100 Greatest Gangster Films
100 Greatest Gangster Films: Miller’s Crossing, #40
Miller’s Crossing is one of those movies that critics love more than audiences do. It’s full of metaphors and cryptic symbols and elaborate plot twists. It gets a 90 percent approval rating on Rotten Tomatoes, the website that distills the opinions of dozens of professional movie reviewers. On the other hand, the movie garnered a measly $5 million at the box office.
Our list is not for film critics. It’s for regular guys (and gals) who enjoy gangster movies. Our verdict? We enjoyed Miller’s Crossing as a tribute to the noir classics of the 1940s. But we don’t share the enthusiasm of renowned film historian David Thomson, who called it, “a superb, languid fantasia on the theme of the gangster film that repays endless viewing.”

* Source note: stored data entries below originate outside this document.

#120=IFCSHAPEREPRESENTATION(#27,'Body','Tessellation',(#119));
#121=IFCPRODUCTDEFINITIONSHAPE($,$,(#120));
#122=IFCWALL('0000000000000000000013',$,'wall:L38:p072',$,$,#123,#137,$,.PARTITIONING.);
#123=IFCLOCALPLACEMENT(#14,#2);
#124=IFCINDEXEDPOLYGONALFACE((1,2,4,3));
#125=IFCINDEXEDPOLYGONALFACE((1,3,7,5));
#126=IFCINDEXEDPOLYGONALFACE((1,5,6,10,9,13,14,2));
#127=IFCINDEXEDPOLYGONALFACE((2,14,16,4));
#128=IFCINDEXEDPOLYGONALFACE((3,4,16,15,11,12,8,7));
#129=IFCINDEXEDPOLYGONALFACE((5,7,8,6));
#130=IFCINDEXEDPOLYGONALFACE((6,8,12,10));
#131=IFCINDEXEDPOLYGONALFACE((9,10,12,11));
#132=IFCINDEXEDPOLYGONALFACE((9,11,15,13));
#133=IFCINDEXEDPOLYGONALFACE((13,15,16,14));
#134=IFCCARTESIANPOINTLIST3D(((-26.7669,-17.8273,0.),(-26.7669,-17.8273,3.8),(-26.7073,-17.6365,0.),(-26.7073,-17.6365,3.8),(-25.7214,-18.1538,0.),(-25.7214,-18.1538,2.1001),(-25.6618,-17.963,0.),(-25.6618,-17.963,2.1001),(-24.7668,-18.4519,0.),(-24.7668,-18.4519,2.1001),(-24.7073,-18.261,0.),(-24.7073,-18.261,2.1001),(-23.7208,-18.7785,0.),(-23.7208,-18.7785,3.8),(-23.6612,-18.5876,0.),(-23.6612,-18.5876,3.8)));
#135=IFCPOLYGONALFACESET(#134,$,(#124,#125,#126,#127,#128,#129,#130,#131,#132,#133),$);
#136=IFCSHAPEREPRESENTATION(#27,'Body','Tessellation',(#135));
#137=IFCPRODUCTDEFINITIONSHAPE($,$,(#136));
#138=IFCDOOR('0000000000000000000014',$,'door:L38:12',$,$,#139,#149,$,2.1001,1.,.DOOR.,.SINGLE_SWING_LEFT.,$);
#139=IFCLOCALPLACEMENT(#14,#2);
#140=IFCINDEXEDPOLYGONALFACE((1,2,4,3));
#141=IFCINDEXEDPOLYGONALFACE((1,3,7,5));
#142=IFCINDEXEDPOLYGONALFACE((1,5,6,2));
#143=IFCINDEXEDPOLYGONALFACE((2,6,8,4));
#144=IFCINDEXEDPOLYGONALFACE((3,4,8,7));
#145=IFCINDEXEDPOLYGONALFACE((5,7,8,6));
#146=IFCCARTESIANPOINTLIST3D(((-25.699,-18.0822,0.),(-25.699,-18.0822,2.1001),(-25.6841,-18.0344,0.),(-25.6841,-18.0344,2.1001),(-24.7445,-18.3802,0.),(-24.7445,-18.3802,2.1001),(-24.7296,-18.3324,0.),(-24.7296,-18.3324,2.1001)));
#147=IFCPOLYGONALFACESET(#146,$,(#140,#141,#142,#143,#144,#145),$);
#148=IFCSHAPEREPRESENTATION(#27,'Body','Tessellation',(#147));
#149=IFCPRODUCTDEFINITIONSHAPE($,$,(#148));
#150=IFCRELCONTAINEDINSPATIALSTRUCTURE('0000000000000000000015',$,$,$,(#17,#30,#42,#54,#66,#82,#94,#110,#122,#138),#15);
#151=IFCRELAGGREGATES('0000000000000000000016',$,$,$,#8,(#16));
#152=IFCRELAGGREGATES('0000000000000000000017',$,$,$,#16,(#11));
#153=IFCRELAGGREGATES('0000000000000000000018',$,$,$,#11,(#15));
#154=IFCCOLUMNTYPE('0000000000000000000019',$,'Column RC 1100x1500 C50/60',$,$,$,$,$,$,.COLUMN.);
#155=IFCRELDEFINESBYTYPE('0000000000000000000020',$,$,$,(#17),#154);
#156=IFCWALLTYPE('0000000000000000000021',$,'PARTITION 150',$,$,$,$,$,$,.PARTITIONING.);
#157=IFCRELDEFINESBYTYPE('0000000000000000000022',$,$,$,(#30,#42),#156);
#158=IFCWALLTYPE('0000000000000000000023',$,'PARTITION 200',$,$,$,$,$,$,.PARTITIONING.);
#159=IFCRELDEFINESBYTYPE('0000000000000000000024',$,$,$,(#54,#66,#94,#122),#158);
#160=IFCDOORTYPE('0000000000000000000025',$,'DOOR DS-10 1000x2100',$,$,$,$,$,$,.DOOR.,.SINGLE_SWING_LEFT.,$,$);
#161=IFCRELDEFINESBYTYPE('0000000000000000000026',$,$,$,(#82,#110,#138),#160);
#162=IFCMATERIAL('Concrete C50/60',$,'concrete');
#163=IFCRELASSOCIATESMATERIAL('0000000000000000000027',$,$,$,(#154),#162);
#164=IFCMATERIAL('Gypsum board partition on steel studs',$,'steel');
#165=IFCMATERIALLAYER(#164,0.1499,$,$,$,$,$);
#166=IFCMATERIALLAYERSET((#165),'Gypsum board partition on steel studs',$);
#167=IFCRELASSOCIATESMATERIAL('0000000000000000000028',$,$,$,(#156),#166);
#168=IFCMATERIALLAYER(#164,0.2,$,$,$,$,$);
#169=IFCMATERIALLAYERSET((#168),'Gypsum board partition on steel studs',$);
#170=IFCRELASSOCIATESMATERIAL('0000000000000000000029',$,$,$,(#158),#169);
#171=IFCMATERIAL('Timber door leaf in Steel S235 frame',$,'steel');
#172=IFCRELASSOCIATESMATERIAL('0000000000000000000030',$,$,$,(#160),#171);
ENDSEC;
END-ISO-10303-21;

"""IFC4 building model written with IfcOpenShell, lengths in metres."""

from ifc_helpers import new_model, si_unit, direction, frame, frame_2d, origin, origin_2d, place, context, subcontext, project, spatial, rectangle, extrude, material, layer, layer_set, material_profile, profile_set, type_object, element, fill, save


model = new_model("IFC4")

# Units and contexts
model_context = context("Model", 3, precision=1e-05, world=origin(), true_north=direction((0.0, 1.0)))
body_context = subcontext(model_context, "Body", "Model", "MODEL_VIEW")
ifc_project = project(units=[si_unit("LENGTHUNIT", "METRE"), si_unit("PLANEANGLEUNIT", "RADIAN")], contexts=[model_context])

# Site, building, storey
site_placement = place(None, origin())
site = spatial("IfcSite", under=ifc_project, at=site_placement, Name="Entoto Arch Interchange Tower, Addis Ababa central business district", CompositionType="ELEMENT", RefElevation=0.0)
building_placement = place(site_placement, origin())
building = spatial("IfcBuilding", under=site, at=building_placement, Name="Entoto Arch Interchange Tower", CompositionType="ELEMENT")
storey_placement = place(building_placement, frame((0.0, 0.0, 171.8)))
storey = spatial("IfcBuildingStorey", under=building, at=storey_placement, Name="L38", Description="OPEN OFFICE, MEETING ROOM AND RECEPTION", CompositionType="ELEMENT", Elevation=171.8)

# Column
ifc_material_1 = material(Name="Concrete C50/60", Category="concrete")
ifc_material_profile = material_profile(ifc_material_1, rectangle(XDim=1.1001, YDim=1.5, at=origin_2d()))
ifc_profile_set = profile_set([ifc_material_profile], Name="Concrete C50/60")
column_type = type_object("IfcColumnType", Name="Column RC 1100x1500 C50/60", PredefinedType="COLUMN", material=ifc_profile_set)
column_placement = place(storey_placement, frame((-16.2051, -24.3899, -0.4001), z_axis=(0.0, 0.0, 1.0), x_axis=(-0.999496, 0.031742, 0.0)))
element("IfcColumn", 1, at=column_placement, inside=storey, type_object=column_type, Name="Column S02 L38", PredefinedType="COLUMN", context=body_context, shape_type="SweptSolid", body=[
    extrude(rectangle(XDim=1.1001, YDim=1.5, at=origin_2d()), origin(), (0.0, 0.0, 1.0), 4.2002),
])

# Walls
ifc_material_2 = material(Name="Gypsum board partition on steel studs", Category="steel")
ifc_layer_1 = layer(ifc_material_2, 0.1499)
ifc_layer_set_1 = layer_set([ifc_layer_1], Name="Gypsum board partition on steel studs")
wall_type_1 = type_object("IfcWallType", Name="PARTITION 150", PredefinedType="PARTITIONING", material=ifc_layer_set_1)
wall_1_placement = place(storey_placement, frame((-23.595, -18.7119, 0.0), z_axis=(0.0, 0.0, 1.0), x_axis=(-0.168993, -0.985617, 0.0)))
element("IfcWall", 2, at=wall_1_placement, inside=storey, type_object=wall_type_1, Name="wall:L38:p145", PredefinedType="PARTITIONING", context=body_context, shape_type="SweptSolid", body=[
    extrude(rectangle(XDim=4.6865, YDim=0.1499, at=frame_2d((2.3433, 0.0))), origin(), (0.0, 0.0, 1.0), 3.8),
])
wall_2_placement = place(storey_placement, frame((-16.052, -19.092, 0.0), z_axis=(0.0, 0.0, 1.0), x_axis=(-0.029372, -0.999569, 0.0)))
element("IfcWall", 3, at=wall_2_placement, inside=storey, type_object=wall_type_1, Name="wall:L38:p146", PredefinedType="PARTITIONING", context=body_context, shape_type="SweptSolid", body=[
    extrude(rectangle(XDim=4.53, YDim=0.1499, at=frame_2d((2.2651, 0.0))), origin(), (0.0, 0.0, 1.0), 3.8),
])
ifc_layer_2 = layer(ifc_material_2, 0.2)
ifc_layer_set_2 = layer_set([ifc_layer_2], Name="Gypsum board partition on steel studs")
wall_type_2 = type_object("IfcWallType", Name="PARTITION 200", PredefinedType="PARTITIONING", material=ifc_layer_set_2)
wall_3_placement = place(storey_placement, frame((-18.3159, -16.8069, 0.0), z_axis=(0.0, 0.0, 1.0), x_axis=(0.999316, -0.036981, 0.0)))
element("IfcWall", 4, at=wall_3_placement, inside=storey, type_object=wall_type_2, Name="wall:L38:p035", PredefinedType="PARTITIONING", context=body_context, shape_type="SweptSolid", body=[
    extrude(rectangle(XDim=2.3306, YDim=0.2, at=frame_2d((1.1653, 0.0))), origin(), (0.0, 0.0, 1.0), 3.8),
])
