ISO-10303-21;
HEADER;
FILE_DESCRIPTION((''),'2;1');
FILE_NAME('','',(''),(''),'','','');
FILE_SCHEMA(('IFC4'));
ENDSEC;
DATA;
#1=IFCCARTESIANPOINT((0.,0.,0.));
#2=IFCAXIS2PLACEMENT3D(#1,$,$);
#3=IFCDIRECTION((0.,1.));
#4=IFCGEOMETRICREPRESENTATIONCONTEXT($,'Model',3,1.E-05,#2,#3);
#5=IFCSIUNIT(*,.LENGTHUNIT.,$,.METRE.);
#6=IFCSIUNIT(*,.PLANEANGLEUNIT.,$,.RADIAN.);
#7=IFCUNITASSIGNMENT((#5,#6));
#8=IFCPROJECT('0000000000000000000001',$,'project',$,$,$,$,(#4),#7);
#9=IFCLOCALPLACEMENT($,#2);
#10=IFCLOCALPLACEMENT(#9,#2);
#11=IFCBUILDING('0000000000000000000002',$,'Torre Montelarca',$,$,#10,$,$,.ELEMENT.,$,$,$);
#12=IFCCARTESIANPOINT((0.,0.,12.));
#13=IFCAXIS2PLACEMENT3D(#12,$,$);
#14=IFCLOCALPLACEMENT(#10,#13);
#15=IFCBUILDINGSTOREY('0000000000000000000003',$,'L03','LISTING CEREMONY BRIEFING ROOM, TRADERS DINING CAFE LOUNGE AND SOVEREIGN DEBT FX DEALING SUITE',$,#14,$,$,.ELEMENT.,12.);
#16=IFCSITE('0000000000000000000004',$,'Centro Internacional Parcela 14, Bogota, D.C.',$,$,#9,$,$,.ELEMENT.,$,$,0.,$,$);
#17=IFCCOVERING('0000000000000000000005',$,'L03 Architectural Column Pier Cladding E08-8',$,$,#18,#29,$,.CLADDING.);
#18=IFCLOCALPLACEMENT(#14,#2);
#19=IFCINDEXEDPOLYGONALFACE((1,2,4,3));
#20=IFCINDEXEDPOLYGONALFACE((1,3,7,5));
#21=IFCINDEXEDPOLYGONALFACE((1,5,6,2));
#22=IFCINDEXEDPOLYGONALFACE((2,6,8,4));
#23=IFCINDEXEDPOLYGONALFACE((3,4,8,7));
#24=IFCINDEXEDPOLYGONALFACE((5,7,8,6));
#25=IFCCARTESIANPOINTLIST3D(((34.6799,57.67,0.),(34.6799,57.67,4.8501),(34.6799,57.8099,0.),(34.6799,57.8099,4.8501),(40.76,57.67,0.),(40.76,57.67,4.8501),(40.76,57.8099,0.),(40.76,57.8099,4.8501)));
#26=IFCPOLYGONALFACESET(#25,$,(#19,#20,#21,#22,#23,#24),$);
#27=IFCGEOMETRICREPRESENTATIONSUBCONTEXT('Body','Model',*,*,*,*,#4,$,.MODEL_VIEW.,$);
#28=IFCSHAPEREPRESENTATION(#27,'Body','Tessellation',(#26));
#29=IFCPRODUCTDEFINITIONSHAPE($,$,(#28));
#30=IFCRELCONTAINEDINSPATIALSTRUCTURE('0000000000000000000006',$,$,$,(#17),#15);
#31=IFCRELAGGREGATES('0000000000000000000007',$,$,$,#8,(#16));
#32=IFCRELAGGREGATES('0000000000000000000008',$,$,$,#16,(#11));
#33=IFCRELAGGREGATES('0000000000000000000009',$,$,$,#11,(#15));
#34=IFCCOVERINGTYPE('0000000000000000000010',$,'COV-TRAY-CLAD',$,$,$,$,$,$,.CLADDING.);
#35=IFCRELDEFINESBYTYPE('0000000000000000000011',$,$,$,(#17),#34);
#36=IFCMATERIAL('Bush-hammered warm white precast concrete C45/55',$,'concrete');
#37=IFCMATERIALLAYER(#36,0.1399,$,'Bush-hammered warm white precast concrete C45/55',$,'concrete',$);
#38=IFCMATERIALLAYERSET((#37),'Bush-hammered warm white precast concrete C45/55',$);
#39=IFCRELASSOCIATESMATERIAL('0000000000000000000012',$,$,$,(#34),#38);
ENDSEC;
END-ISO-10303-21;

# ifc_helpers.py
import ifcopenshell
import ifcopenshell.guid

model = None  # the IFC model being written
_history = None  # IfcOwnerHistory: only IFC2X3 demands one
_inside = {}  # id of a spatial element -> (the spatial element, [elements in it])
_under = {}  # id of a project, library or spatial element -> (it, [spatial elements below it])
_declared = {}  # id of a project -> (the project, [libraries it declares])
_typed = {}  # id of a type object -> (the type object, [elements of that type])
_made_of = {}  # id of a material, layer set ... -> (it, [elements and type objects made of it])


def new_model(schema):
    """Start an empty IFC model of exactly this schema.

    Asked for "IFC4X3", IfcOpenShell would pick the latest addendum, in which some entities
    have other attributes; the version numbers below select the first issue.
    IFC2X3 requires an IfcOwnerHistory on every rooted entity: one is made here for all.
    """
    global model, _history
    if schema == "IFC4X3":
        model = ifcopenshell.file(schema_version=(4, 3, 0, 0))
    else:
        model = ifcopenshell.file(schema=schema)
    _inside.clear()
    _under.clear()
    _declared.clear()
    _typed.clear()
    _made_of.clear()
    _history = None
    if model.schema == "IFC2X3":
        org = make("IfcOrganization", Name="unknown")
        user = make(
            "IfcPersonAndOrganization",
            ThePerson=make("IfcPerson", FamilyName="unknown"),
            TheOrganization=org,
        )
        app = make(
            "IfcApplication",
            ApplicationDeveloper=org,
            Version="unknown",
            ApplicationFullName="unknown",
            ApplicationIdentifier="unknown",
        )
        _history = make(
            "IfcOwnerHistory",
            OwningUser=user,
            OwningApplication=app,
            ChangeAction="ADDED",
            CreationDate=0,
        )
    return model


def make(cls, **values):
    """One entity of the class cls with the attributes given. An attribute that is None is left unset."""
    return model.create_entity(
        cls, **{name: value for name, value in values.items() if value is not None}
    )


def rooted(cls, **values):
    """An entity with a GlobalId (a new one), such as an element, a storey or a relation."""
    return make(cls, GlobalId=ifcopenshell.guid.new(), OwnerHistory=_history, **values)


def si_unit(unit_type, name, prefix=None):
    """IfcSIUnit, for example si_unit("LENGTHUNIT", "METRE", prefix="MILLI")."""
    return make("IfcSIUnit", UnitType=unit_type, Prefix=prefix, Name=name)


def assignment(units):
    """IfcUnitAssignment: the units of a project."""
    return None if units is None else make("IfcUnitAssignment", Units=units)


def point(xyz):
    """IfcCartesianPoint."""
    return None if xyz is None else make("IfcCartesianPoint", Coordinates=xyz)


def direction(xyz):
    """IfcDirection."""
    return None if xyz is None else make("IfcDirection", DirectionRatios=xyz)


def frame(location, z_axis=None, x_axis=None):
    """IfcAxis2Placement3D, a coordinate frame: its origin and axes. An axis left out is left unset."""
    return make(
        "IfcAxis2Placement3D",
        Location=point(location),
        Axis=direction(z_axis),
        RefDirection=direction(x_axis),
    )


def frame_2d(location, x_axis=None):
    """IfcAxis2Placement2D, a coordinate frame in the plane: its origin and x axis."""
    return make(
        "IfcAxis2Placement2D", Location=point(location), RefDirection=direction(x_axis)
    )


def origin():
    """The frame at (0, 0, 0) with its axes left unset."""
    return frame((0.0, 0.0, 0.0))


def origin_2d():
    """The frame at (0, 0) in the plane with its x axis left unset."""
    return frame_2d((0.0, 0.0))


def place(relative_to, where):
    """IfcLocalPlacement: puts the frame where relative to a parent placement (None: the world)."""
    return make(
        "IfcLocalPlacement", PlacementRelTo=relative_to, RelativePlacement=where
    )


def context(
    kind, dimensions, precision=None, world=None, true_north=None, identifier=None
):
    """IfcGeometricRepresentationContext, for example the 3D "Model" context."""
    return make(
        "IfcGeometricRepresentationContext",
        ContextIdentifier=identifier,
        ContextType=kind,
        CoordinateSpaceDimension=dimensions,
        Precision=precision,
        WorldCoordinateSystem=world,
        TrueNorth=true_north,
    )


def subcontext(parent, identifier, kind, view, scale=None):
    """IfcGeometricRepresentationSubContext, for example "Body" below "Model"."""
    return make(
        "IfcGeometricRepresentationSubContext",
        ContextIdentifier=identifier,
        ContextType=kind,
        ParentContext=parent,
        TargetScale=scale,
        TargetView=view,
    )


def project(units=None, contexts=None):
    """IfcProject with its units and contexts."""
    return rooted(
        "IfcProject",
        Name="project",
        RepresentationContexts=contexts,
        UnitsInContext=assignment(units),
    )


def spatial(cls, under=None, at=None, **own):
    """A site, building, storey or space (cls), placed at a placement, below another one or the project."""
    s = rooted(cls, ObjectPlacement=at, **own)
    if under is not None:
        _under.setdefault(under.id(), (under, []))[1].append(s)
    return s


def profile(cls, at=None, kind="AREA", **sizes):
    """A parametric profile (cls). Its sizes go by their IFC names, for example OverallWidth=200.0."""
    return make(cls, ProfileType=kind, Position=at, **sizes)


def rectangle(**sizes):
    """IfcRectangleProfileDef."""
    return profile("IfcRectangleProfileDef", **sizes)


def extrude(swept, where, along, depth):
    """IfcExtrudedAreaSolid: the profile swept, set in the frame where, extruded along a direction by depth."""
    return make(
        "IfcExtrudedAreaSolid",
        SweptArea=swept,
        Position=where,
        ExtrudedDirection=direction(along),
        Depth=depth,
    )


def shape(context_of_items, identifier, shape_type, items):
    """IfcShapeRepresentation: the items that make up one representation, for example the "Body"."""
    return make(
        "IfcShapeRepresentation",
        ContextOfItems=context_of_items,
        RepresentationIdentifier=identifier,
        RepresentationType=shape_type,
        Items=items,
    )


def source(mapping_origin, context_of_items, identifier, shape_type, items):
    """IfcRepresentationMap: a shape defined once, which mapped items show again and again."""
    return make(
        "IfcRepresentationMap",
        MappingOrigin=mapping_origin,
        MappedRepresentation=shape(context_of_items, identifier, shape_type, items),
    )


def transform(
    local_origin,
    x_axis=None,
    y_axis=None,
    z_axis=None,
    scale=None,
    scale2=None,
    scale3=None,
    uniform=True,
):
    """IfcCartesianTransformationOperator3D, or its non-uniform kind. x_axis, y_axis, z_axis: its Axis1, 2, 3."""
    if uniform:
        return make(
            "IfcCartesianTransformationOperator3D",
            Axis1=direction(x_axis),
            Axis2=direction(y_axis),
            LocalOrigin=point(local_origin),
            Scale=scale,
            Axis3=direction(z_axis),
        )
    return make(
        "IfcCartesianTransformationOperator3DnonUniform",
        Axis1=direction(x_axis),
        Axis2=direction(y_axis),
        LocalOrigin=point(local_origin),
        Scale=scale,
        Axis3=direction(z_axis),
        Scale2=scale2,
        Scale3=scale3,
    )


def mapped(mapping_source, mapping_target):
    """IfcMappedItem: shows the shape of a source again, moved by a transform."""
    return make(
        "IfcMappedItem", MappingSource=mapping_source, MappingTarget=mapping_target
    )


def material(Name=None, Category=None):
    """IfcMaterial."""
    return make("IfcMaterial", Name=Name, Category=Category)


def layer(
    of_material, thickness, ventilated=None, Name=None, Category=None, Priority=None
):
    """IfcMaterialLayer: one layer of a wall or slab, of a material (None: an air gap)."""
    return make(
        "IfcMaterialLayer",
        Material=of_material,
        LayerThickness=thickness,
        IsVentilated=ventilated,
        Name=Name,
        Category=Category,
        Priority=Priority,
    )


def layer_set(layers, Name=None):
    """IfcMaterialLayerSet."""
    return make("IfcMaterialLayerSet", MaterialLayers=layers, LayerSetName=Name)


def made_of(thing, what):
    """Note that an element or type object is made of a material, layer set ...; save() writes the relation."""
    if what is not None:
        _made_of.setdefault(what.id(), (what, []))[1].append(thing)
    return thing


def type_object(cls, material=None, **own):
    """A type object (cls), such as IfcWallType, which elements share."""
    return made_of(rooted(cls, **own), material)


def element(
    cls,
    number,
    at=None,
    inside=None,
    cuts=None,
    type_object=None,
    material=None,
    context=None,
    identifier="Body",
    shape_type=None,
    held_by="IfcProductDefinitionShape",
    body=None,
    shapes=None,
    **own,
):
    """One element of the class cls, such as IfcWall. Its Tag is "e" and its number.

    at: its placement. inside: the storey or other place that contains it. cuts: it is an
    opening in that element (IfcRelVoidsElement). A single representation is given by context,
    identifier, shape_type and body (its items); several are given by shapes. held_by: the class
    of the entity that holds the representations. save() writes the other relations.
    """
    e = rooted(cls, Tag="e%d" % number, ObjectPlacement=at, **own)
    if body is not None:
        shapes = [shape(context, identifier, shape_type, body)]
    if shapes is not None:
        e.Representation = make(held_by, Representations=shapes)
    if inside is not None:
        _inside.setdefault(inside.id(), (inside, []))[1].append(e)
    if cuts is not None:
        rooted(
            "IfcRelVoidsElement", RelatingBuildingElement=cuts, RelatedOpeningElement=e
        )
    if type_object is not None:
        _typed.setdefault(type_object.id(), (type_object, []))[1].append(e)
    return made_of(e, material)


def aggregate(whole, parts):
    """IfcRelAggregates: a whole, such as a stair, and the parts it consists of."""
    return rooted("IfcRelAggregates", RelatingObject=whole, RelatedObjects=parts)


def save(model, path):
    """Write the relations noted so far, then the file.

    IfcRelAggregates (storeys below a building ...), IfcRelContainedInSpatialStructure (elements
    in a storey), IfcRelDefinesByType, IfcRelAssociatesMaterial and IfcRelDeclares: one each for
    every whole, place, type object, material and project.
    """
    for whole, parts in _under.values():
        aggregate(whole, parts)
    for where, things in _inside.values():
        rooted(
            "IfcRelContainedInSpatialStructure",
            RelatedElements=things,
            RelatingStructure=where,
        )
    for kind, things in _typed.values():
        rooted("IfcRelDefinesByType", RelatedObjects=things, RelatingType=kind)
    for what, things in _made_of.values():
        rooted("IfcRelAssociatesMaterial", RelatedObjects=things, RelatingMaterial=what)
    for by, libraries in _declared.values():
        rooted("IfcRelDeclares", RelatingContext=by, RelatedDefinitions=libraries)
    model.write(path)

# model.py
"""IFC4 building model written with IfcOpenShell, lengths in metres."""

from ifc_helpers import new_model, si_unit, direction, frame, origin, origin_2d, place, context, subcontext, project, spatial, rectangle, extrude, source, transform, mapped, material, layer, layer_set, type_object, element, save


model = new_model("IFC4")

# Units and contexts
model_context = context("Model", 3, precision=1e-05, world=origin(), true_north=direction((0.0, 1.0)))
body_context = subcontext(model_context, "Body", "Model", "MODEL_VIEW")
ifc_project = project(units=[si_unit("LENGTHUNIT", "METRE"), si_unit("PLANEANGLEUNIT", "RADIAN")], contexts=[model_context])

# Site, building, storey
site_placement = place(None, origin())
site = spatial("IfcSite", under=ifc_project, at=site_placement, Name="Centro Internacional Parcela 14, Bogota, D.C.", CompositionType="ELEMENT", RefElevation=0.0)
building_placement = place(site_placement, origin())
building = spatial("IfcBuilding", under=site, at=building_placement, Name="Torre Montelarca", CompositionType="ELEMENT")
storey_placement = place(building_placement, frame((0.0, 0.0, 12.0)))
storey = spatial("IfcBuildingStorey", under=building, at=storey_placement, Name="L03", Description="LISTING CEREMONY BRIEFING ROOM, TRADERS DINING CAFE LOUNGE AND SOVEREIGN DEBT FX DEALING SUITE", CompositionType="ELEMENT", Elevation=12.0)

# Covering
ifc_material_1 = material(Name="Bush-hammered warm white precast concrete C45/55", Category="concrete")
ifc_layer_1 = layer(ifc_material_1, 0.1399, Name="Bush-hammered warm white precast concrete C45/55", Category="concrete")
ifc_layer_set_1 = layer_set([ifc_layer_1], Name="Bush-hammered warm white precast concrete C45/55")
covering_type = type_object("IfcCoveringType", Name="COV-TRAY-CLAD", PredefinedType="CLADDING", material=ifc_layer_set_1)
shared_shape_1 = source(origin(), body_context, "Body", "SweptSolid", [
    extrude(rectangle(XDim=6.0801, YDim=0.1399, at=origin_2d()), origin(), (0.0, 0.0, 1.0), 4.8501),
])
for number, where, z_axis, x_axis, name in (
    (1, (37.72, 57.74, 0.0), (0.0, 0.0, 1.0), (-1.0, 0.0, 0.0), "L03 Architectural Column Pier Cladding E08-8"),
):
    element("IfcCovering", number, at=place(storey_placement, frame(where, z_axis=z_axis, x_axis=x_axis)), inside=storey, type_object=covering_type, Name=name, PredefinedType="CLADDING", context=body_context, shape_type="MappedRepresentation", body=[
        mapped(shared_shape_1, transform((0.0, 0.0, 0.0), scale=1.0)),
    ])

save(model, "model.ifc")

Perhaps if we could have just followed the story a little better.
The movie was produced, written and directed by Joel and Ethan Coen, which may be all you need to know. The brothers are known for their quirky style, gloomy setups and witty dialogue. Sometimes, it works (Fargo, No Country for Old Men, The Big Lebowski). Sometimes, it just comes across as self-impressed thumb twiddling (Intolerable Cruelty, The Ladykillers).
This one’s right in the middle. There’s a lot of wit and style, but much of the detail and dense plot seems to be there for the sake of impressing. Don’t watch this movie alone, because at regular intervals you’ll need to ask your popcorn buddy, “What the hell’s going on here?” As Sheila Benson of the Los Angeles Times wrote, “A bit of clarity wouldn’t hurt Miller’s Crossing. Even here in Gangsterland, where random characters are cherished and non sequiturs are considered wisecracks, there is a difference between complications and impenetrability, and this plot is a bloody thicket.”
That said, we’ll aim for a lucid synopsis:
Tom Reagan (Gabriel Byrne) is a cold-hearted Irish mobster with a vague code of ethics and a gambling problem. He works as the confidante to big city boss Leo O’Bannon (Albert Finney), who trusts Tom for his ability to “see all the angles” in advance. Had this movie been made a half-century earlier, a young Humphrey Bogart could have played Tom and Edward G. Robinson would have been ideal as Leo (well, maybe except for the Irish part).
Leo runs an unnamed Prohibition-era big city, but his rule is being challenged by Italian rival Johnny Caspar (Jon Polito). Caspar chafes at Leo’s protection of a small-time bookie, Bernie Bernbaum (John Turturro), who has double-crossed him.
Of course, there’s a woman involved. Bernie’s sister Verna (Marcia Gay Harden) is the seductive moll who maintains an affair with Leo, ostensibly to protect her brother. Plus, she secretly sleeps with Tom on the side. There’s not much romance in that relationship, which mostly consists of them insulting each other before heading to bed. “The two of us,” notes Tom, “we’re about bad enough to deserve each other.”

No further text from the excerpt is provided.